Wednesday, November 08, 2006



Yesterday Husband and I went to Penticton, - he to speak at a Remembrance Day event, resplendant, with medals all shined and his mind attuned to the points he wanted to talk about. He is a man of passion, and when he speaks of those things which he values greatly he sometimes walks on the edge of a political precipice. One never knows when he might lose his footing a little and digress to another point carrying political overtones that excite him to express deeply felt opinions! It's a risk we must all take when he is asked to speak!!!! Ask anyone who has ever interviewed him.....

I went along for the ride, and what a splendid drive it was over the pass into the Okanagan Valley. The skies were dour, but the hills glowed with a wonderful luminence.



The fall grasses dotted the hillsides with gorgeous patches of naples yellow, covering the small benches. Along the roadside the grasses were longer and more varied, - shades of orange and gold, with hidden spears of green. The small red shrubs that hug the rocks are indescribably soft and range in shades from pinks to wines. Words fail to express the wonderful feeling of quiet mystery that shrouds the mountain with these suble earthy colours. Unfortunately we were late getting away, which made picture taking impossible, and when we returned the sky was pouring buckets of rain. Perhaps we will be lucky enough to meet that same combination of sky and hill and colour the next time we go, but for now it is a picture in my mind that I remember as being wonderfully relaxing as we hurried to make up time and not be too late.

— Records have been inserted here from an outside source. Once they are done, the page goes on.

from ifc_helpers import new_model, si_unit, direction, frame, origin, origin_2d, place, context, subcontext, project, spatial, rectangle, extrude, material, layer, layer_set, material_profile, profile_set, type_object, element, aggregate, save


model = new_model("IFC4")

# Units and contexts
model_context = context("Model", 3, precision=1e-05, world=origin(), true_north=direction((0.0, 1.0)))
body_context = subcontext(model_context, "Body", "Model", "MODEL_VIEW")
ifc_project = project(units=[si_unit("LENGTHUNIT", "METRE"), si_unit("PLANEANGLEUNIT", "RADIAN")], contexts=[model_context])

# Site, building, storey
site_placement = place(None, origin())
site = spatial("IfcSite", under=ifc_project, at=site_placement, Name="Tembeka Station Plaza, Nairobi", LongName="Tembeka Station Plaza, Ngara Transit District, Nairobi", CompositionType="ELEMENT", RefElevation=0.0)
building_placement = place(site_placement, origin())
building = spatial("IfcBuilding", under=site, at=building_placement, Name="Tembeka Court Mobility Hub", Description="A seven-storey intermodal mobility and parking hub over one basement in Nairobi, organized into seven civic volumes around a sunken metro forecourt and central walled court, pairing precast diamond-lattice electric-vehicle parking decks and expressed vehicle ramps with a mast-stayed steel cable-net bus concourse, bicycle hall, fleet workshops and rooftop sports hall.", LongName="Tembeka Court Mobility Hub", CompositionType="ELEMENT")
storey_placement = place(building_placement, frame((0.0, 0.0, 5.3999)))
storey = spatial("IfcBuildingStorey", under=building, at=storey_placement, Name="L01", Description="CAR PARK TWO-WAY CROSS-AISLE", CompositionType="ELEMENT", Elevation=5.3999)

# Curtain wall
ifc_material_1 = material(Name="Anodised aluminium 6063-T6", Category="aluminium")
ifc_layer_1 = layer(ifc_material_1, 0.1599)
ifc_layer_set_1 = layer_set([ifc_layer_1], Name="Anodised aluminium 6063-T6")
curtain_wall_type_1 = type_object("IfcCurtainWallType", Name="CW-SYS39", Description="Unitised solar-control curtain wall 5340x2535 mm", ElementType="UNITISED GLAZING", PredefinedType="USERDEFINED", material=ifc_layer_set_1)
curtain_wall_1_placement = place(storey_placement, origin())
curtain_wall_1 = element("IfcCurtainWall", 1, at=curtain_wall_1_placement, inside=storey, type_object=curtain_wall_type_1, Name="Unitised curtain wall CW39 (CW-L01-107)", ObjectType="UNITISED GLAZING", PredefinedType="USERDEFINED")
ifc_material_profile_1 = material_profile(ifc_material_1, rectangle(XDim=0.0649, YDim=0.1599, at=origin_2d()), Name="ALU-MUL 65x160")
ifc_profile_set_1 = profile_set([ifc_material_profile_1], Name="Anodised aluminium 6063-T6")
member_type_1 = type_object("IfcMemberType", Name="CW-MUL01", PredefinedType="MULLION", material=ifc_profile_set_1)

On Sunday a "Chicken Little" Lady bemoaned the lack of water in the riverbed, foreseeing this as a sign of the climate change that threatens to devastate us. On Tuesday the river was brim full with all those wonderful buckets of rain that come in the fall to feed the thirsty trees and plants as they go into dormancy.

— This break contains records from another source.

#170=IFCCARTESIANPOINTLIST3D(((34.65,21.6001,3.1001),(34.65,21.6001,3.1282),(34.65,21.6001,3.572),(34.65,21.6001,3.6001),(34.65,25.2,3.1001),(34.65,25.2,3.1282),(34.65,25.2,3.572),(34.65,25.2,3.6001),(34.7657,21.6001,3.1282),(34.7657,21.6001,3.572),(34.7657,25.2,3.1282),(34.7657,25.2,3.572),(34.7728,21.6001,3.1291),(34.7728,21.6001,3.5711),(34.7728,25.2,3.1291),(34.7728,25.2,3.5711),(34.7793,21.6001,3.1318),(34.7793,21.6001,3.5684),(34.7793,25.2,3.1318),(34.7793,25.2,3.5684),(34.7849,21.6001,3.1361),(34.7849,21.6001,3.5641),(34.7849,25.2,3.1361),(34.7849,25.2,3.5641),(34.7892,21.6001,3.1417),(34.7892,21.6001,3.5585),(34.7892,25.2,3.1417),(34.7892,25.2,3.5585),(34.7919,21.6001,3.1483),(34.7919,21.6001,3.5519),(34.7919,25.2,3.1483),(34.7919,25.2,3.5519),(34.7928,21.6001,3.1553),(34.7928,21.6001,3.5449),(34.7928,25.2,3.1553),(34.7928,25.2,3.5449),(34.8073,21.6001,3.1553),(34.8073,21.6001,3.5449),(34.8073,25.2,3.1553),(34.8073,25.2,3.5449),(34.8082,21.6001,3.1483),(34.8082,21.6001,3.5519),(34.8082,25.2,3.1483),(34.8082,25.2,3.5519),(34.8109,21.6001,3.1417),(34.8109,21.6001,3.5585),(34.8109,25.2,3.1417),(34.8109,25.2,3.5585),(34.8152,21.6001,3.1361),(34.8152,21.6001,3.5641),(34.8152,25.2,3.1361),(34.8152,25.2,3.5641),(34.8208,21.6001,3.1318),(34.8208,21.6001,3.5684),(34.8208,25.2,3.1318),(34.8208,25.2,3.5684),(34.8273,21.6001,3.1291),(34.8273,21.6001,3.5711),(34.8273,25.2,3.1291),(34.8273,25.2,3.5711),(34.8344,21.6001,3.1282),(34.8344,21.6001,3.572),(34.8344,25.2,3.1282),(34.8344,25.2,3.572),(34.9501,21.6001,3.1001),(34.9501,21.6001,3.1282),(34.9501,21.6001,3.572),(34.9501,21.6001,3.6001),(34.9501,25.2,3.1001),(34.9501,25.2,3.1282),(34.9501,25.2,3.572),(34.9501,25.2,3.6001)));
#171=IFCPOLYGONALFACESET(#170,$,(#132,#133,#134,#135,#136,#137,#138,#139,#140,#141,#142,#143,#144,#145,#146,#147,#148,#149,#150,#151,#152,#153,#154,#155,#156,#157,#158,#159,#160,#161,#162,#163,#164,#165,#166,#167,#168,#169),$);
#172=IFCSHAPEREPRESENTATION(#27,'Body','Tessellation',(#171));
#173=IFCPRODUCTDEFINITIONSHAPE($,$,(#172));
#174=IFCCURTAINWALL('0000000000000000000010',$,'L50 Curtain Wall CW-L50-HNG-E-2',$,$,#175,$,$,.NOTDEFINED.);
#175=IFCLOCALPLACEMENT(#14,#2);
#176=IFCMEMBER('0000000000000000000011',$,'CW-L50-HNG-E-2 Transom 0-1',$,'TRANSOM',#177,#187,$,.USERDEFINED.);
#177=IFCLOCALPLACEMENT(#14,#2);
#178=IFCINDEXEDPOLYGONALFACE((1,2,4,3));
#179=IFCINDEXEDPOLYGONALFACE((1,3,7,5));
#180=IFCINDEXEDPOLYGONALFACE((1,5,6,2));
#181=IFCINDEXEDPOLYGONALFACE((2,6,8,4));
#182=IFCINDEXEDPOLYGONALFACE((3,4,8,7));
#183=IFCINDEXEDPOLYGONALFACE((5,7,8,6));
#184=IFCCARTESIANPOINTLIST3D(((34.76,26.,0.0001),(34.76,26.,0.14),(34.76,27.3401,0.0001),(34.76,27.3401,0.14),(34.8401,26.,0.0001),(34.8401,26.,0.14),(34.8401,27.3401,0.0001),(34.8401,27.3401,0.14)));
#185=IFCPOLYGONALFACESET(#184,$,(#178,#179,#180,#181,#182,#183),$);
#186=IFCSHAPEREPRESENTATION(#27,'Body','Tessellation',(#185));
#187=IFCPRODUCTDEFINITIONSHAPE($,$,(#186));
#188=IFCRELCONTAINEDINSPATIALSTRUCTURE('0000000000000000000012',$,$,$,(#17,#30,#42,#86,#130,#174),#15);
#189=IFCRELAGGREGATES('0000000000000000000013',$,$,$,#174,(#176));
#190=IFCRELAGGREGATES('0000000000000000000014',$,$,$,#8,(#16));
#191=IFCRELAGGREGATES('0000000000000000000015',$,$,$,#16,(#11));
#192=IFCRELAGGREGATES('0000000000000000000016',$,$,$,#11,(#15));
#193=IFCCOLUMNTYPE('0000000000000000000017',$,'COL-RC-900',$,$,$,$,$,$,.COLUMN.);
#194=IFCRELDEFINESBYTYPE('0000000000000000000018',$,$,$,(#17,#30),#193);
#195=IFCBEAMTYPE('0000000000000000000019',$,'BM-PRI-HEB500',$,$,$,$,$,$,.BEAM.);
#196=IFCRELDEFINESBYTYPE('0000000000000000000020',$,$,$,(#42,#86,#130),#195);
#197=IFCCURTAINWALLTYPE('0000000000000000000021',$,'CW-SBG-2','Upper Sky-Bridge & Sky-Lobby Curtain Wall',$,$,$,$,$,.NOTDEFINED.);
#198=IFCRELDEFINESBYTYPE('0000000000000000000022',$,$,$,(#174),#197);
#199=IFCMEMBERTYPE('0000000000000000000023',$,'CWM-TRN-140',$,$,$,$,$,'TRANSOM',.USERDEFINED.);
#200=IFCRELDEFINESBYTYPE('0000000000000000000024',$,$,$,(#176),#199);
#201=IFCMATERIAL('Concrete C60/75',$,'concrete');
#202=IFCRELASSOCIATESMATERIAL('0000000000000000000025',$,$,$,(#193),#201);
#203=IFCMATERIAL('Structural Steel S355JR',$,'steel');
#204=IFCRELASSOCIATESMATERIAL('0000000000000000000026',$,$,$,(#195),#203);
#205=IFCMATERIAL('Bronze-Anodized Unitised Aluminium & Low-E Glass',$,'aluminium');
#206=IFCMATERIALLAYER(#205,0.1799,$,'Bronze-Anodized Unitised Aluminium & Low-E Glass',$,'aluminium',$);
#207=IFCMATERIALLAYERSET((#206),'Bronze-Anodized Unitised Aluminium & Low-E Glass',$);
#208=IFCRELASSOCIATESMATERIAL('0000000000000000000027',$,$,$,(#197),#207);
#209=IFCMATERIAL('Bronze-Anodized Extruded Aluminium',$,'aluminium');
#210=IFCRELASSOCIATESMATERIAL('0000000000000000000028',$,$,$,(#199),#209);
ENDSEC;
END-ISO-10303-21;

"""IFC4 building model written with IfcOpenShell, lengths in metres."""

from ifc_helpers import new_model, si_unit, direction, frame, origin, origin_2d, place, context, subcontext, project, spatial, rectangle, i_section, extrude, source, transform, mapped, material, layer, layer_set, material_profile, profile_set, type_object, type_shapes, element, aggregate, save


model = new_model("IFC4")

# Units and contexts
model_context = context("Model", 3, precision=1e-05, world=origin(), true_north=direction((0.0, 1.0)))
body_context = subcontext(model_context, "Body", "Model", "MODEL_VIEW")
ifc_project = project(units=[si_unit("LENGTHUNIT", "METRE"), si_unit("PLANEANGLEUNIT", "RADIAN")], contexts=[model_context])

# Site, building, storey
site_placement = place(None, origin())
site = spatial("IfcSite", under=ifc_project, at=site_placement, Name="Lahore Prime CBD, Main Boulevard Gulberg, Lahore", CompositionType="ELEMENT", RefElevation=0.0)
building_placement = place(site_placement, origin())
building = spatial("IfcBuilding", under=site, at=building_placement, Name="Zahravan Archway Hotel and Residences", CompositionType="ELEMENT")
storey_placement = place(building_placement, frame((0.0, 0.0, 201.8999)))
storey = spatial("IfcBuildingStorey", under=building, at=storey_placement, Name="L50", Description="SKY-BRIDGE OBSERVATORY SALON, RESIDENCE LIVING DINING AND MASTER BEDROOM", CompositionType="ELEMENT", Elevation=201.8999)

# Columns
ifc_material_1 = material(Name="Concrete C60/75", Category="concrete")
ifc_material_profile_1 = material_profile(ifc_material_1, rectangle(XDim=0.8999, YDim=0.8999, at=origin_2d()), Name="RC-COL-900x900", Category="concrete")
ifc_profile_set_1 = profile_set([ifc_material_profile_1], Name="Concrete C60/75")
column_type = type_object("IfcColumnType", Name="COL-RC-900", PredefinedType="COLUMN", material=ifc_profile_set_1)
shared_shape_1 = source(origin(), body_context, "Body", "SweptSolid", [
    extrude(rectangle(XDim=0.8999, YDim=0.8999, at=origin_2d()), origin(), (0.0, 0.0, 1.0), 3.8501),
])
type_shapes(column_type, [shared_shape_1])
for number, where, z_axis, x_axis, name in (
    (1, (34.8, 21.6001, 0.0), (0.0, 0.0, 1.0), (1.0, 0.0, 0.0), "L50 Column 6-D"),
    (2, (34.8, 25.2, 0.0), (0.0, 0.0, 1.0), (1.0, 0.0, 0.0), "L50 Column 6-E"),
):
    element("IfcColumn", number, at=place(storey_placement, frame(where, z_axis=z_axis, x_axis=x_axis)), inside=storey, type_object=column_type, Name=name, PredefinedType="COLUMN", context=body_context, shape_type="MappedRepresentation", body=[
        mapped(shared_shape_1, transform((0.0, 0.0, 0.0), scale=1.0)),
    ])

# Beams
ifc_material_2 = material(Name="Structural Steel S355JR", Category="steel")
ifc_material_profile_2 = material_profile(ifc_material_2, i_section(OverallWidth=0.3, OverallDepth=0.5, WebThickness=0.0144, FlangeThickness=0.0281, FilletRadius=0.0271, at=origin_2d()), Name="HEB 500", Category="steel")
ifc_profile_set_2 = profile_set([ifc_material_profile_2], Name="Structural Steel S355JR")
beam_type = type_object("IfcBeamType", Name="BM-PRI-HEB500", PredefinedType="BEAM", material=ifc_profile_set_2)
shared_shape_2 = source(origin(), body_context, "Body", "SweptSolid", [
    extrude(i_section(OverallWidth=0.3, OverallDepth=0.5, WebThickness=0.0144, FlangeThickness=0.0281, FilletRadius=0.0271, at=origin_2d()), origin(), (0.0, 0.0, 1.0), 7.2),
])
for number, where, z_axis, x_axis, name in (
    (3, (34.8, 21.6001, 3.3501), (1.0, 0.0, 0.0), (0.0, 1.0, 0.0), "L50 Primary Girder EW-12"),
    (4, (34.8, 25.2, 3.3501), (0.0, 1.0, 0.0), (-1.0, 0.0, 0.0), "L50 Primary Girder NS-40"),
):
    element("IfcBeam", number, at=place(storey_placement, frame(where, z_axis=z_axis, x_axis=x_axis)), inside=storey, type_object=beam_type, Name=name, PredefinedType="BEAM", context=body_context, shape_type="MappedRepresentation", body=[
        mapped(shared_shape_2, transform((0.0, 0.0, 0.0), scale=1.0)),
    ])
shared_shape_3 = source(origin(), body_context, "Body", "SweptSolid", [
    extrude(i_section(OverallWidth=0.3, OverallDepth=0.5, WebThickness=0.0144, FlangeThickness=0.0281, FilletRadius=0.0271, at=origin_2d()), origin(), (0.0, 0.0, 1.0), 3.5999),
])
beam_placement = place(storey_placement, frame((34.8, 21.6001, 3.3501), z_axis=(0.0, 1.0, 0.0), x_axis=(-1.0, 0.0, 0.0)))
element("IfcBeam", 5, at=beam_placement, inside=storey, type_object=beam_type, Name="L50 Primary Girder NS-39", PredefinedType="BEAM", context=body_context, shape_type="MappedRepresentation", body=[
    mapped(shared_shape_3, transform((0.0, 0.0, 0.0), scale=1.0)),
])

I think you have to live long enough to experience earth's cycles of drought and heat and rain and heavy snows, before you can view climate change as natural, and not the fearful disaster that is forecast. Occasionally we are blessed with the perfect June, the most glorious fall, or the most benign of picturesque winters and I do pray that the doom and gloomers take them into account and are thankful for them.